Distribution of cluster traffic

Network Load Balancing controls the distribution of TCP and UDP traffic from the Internet clients to selected hosts within a cluster as follows: After Network Load Balancing has been configured, incoming client requests to the cluster IP addresses are received by all hosts within the cluster. Network Load Balancing filters incoming datagrams to specified TCP and UDP ports before these datagrams reach the TCP/IP protocol software. Network Load Balancing manages the TCP and UDP protocols within TCP/IP, controlling their actions on a per-port basis.

In multicast mode, Network Load Balancing can limit switch flooding by providing Internet Group Management Protocol (IGMP) support. Network Load Balancing does not control any incoming IP traffic other than TCP and UDP traffic for specified ports and IGMP traffic in multicast mode. It does not filter other IP protocols (for example, ICMP or ARP), except as described below. Be aware that you should expect to see duplicate responses from certain point-to-point TCP/IP applications (such as ping) when the cluster IP address is used. If required, these applications can use the dedicated IP address for each host to avoid this behavior.

Convergence

To coordinate their actions, Network Load Balancing hosts periodically exchange heartbeats within the cluster (for more information, see Internet Group Management Protocol (IGMP)). IP multicasting allows the hosts to monitor the status of the cluster.

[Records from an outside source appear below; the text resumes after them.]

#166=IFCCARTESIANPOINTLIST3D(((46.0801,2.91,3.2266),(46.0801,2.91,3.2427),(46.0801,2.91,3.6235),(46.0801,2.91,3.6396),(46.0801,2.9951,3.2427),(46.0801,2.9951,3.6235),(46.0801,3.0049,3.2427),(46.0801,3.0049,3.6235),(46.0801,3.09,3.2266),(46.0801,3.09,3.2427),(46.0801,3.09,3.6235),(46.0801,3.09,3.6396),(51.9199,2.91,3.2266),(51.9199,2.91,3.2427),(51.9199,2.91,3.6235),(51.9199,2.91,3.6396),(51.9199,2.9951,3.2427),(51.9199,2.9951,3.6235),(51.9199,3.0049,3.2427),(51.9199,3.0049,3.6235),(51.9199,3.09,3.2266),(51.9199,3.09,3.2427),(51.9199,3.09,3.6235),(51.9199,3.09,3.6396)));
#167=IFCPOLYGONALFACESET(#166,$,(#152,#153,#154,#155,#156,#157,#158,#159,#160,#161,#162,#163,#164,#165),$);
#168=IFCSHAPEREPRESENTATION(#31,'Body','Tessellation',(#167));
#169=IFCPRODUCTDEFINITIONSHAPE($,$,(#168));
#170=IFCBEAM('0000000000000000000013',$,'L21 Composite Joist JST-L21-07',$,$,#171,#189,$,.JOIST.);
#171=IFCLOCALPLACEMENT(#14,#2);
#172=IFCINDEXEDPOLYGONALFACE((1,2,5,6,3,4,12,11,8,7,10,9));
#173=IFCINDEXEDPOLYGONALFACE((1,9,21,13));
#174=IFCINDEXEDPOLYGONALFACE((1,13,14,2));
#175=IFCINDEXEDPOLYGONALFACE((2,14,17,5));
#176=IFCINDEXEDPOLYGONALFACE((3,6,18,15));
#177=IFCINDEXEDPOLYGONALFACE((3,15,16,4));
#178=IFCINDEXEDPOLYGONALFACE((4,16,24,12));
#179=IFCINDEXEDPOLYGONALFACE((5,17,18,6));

When the state of the cluster changes (such as when hosts fail, leave, or join the cluster), Network Load Balancing invokes a process known as convergence, in which the hosts exchange a limited number of messages to determine a new, consistent state of the cluster and to designate the host with the highest host priority as the new default host. When all cluster hosts have reached consensus on the correct new state of the cluster, they record the completion of convergence in the Windows event log. This process typically takes less than 10 seconds to complete.

During convergence, the remaining hosts continue to handle incoming network traffic. Client requests to working hosts are unaffected. At the completion of convergence, the traffic destined for a failed host is redistributed to the remaining hosts. Load-balanced traffic is repartitioned among the remaining hosts to achieve the best possible new load balance for specific TCP or UDP ports.

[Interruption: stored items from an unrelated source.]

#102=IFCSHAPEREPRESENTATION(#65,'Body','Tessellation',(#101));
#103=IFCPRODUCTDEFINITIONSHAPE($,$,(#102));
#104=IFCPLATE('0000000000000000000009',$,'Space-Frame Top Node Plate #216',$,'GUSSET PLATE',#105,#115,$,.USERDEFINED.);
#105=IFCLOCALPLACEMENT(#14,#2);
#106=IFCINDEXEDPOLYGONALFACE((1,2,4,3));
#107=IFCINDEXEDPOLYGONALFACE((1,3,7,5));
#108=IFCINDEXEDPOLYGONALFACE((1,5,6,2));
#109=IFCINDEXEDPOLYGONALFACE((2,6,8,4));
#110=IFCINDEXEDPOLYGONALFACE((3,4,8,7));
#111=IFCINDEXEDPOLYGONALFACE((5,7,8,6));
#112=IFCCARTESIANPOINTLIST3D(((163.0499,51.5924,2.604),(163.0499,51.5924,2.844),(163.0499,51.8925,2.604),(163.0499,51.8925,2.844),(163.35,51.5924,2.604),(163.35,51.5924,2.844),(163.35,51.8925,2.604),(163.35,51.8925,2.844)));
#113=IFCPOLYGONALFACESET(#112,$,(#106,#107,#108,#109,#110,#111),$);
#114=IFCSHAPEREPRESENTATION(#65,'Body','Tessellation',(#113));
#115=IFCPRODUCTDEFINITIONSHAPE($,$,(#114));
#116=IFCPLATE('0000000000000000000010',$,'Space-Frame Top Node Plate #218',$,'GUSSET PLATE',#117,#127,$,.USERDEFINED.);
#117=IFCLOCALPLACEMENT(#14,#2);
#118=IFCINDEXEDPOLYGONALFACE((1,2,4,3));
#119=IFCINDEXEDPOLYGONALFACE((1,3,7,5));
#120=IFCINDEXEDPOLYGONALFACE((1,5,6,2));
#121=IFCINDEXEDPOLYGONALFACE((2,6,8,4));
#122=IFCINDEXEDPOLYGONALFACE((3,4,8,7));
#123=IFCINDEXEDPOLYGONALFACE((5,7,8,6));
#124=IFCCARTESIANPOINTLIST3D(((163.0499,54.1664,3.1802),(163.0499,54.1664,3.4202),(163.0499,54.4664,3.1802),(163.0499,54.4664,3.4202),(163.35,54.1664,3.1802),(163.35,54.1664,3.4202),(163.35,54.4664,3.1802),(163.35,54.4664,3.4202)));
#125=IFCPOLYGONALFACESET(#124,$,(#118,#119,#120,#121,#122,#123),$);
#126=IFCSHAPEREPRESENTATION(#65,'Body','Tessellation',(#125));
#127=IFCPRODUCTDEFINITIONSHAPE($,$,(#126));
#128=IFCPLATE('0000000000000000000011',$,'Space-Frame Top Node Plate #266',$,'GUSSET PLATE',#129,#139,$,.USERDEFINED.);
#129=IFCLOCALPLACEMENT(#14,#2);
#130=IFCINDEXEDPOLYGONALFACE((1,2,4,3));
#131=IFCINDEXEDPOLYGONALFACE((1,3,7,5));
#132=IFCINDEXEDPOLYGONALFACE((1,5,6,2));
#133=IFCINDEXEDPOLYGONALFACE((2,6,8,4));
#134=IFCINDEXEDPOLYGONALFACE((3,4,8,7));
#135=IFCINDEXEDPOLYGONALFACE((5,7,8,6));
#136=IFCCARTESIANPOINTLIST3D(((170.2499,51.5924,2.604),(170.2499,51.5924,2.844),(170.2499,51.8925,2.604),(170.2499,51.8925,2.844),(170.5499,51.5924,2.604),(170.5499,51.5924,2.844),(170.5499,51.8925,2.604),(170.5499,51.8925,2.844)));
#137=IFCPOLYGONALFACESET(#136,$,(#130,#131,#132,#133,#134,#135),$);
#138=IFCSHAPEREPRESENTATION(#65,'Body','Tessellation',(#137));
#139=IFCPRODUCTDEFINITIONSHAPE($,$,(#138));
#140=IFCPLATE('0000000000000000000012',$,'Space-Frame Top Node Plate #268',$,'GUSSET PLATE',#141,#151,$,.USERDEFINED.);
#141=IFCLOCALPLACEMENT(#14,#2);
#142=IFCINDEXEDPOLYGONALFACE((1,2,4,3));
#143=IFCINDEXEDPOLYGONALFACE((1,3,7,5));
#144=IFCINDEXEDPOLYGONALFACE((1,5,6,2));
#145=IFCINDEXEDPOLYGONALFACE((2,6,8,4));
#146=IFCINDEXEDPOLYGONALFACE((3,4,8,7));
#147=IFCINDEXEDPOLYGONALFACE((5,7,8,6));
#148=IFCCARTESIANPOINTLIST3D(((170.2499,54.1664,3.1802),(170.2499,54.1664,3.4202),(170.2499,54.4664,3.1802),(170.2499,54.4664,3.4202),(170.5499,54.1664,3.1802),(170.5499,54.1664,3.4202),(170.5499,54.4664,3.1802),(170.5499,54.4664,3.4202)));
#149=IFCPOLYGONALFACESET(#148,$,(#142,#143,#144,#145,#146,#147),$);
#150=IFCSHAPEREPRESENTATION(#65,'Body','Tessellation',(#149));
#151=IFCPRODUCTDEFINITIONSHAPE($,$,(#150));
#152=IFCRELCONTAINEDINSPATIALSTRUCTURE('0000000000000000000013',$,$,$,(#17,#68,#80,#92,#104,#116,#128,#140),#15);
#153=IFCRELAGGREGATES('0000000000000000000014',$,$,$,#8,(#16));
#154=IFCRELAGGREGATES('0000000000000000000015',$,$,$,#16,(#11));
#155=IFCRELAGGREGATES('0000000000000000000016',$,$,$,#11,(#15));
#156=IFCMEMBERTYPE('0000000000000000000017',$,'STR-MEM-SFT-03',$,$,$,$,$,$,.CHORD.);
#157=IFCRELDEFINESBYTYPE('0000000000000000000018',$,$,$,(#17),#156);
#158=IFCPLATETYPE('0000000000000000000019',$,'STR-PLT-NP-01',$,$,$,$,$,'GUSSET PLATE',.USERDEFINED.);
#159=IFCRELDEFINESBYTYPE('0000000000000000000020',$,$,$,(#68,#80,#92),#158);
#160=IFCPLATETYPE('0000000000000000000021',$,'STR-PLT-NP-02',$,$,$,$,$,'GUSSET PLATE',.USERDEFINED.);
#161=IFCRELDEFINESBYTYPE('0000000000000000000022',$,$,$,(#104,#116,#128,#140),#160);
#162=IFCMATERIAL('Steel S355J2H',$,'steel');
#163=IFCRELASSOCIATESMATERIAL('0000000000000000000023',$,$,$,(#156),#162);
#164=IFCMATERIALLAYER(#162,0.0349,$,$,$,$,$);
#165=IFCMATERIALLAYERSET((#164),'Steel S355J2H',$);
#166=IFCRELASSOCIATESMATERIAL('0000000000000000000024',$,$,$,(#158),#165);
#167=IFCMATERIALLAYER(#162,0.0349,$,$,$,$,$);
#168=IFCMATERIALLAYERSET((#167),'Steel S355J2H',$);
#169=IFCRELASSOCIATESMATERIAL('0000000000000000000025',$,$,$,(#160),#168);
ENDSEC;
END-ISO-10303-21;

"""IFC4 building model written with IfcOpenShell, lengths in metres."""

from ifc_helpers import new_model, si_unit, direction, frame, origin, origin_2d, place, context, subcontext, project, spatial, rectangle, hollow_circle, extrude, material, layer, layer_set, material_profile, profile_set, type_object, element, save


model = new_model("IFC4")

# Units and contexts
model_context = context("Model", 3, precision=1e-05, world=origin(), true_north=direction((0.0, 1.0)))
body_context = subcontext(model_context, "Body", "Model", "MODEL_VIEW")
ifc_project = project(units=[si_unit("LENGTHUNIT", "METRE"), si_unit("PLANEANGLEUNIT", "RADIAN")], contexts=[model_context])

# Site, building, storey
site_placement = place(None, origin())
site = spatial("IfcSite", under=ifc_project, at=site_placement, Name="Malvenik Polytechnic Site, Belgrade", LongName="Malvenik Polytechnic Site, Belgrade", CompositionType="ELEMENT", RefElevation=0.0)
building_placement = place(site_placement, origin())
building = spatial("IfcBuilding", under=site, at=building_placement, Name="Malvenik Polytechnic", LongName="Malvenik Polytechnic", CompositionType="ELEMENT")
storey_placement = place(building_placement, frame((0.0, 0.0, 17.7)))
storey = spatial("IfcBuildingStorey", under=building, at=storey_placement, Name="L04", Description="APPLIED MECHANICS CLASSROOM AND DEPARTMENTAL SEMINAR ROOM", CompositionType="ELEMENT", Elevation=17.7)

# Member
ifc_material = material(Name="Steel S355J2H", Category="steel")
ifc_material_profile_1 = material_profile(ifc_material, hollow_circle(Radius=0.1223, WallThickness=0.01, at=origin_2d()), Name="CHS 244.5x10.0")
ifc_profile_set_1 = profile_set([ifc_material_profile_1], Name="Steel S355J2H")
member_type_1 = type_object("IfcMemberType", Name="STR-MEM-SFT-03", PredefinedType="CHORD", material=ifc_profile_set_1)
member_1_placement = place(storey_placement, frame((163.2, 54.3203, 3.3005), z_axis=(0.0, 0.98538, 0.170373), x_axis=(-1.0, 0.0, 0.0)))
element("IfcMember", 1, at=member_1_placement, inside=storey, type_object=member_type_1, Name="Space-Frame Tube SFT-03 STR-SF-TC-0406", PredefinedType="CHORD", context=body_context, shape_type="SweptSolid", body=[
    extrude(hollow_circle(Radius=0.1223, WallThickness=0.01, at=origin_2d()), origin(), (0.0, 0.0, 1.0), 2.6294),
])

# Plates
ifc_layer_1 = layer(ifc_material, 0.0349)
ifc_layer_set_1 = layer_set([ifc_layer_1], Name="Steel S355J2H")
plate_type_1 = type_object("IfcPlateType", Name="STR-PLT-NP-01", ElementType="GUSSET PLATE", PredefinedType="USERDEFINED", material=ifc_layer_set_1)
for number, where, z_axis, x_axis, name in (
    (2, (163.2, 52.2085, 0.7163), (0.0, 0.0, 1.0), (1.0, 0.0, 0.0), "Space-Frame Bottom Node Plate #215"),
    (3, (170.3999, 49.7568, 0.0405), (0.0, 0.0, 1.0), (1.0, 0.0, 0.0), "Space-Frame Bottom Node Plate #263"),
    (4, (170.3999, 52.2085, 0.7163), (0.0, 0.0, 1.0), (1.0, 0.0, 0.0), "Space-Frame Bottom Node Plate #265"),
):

If a host is added to the cluster, convergence allows this host to receive its share of the load-balanced traffic. Expansion of the cluster does not affect ongoing cluster operations and is achieved transparently to both Internet clients and to server applications. However, it might affect client sessions that span multiple TCP connections when client affinity is selected, because clients might be remapped to different cluster hosts between connections. For more information on affinity, see Network Load Balancing and stateful connections.

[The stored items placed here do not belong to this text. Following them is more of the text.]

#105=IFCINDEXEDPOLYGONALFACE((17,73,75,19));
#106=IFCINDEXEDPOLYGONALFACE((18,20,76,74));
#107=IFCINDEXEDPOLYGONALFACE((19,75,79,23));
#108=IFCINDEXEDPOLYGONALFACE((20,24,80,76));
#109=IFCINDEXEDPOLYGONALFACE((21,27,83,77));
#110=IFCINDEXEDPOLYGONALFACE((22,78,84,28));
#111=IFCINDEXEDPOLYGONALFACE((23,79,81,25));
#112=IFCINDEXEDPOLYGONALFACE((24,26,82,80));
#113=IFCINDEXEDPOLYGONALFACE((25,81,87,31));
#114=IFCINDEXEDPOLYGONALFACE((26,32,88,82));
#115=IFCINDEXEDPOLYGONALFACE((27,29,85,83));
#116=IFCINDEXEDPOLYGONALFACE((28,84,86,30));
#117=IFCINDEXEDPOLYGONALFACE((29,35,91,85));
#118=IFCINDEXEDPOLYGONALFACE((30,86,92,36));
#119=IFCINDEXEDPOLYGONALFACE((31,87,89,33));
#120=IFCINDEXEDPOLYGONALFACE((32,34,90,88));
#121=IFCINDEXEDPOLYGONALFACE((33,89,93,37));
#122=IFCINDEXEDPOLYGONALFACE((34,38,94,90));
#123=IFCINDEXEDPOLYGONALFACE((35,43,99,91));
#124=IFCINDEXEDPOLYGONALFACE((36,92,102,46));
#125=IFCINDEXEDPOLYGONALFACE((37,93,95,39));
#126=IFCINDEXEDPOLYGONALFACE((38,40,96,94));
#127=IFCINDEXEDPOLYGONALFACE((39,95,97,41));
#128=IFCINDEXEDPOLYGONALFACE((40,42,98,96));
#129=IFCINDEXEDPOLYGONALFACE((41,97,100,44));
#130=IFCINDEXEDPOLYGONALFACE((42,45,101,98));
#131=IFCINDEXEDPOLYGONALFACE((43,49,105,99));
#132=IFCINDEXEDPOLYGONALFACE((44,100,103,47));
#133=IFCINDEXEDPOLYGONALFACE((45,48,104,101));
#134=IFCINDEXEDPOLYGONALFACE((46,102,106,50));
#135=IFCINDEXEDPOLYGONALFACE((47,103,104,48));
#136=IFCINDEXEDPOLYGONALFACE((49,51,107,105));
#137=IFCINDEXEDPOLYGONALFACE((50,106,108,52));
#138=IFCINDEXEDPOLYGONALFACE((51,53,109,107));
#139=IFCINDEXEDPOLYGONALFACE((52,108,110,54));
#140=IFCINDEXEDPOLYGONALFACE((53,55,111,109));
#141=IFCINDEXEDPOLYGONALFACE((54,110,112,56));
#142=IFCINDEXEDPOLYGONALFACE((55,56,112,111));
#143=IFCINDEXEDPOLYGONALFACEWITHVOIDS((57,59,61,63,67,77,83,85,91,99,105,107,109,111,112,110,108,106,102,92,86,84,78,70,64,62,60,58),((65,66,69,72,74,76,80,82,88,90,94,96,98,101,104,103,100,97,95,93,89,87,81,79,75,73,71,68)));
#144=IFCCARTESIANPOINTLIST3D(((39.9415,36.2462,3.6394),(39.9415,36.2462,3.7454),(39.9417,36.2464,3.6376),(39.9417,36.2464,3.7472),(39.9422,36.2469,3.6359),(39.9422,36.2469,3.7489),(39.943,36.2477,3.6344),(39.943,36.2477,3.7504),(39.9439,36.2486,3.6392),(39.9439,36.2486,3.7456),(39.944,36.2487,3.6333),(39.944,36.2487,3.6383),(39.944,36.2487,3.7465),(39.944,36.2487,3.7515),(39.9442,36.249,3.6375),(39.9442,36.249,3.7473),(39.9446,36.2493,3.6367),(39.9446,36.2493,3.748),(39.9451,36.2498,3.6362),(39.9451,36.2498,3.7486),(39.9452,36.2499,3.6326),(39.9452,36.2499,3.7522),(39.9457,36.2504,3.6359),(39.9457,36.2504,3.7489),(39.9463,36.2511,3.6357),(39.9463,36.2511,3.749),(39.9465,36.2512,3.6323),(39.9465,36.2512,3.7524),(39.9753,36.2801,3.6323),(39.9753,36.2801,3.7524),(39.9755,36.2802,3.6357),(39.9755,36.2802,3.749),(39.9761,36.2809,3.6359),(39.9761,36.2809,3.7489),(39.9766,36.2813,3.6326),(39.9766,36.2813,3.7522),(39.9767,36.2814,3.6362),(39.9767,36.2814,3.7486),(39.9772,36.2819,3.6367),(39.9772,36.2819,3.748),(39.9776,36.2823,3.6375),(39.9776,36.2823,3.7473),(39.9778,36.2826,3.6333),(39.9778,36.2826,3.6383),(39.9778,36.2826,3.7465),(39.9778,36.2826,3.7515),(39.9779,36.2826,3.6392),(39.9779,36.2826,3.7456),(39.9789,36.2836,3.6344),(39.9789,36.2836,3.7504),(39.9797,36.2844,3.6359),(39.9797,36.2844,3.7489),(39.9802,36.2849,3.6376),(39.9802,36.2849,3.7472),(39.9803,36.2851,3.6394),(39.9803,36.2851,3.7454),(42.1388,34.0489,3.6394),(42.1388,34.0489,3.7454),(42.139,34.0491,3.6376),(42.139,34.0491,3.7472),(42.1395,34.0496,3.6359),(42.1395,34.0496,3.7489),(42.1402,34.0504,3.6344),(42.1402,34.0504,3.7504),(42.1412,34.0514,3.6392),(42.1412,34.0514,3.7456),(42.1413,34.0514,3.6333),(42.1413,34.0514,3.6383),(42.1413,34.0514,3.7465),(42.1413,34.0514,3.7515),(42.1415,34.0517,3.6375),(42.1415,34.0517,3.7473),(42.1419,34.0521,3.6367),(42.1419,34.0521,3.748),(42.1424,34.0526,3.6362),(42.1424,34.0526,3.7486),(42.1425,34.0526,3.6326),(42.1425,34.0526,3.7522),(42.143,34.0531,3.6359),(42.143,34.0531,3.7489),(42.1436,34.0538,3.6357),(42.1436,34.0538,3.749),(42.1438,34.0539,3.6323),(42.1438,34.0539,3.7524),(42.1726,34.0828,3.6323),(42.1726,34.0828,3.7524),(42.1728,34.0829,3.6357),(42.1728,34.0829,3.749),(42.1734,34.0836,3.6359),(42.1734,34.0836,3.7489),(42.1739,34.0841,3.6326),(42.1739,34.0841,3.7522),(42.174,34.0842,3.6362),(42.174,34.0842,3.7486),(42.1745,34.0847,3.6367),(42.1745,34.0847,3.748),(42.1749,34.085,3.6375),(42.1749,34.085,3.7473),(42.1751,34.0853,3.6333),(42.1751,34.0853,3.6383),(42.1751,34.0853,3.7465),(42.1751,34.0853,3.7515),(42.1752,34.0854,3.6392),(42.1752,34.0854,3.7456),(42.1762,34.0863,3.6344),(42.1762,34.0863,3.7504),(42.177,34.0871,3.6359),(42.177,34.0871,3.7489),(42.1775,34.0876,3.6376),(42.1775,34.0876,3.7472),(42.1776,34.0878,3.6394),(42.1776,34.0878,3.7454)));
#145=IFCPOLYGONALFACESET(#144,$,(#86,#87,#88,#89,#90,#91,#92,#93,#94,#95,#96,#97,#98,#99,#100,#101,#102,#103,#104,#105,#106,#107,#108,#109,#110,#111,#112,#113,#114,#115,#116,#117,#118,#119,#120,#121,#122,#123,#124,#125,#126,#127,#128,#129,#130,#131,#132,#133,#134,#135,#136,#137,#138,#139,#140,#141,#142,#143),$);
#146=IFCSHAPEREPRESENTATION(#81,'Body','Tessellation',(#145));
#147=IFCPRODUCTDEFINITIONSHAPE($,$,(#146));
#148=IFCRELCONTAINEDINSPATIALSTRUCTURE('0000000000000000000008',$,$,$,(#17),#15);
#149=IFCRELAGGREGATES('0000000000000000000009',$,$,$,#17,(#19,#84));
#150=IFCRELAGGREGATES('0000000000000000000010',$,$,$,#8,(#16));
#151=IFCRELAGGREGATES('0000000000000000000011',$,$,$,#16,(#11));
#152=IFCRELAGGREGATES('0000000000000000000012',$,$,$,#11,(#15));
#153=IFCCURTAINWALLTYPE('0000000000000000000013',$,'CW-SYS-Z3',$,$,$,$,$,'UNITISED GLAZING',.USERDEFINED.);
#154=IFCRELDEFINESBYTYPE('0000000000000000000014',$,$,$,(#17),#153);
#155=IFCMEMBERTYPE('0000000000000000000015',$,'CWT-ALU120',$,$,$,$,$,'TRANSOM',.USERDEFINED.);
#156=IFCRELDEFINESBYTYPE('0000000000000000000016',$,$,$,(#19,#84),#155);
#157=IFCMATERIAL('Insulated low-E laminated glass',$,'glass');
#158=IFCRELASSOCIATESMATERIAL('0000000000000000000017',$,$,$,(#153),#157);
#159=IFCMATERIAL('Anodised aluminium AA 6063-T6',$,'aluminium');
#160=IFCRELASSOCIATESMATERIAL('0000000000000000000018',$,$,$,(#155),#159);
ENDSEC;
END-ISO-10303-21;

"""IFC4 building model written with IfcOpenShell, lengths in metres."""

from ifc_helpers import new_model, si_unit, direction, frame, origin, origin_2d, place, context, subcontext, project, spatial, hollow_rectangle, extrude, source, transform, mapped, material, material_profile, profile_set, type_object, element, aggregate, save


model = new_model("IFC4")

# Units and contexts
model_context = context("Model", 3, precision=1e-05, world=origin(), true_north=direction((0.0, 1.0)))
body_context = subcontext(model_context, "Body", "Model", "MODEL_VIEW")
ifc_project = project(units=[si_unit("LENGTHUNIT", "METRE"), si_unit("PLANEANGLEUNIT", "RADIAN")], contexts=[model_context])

Network Load Balancing assumes that a host is functioning properly within the cluster as long as it exchanges heartbeats with other cluster hosts. If other hosts do not receive a response from any member for several heartbeat exchanges, they initiate convergence to redistribute the load that would have been handled by the failed host.

You can control both the message exchange period and the number of missed messages required to initiate convergence. The default values are respectively set to 1,000 milliseconds (1 second) and 5 missed message exchange periods. Because these parameters are not usually modified, they are not configurable through the Network Load Balancing Properties dialog box. They can be adjusted manually in the registry as necessary. The procedures for this are described in Adjust convergence parameters.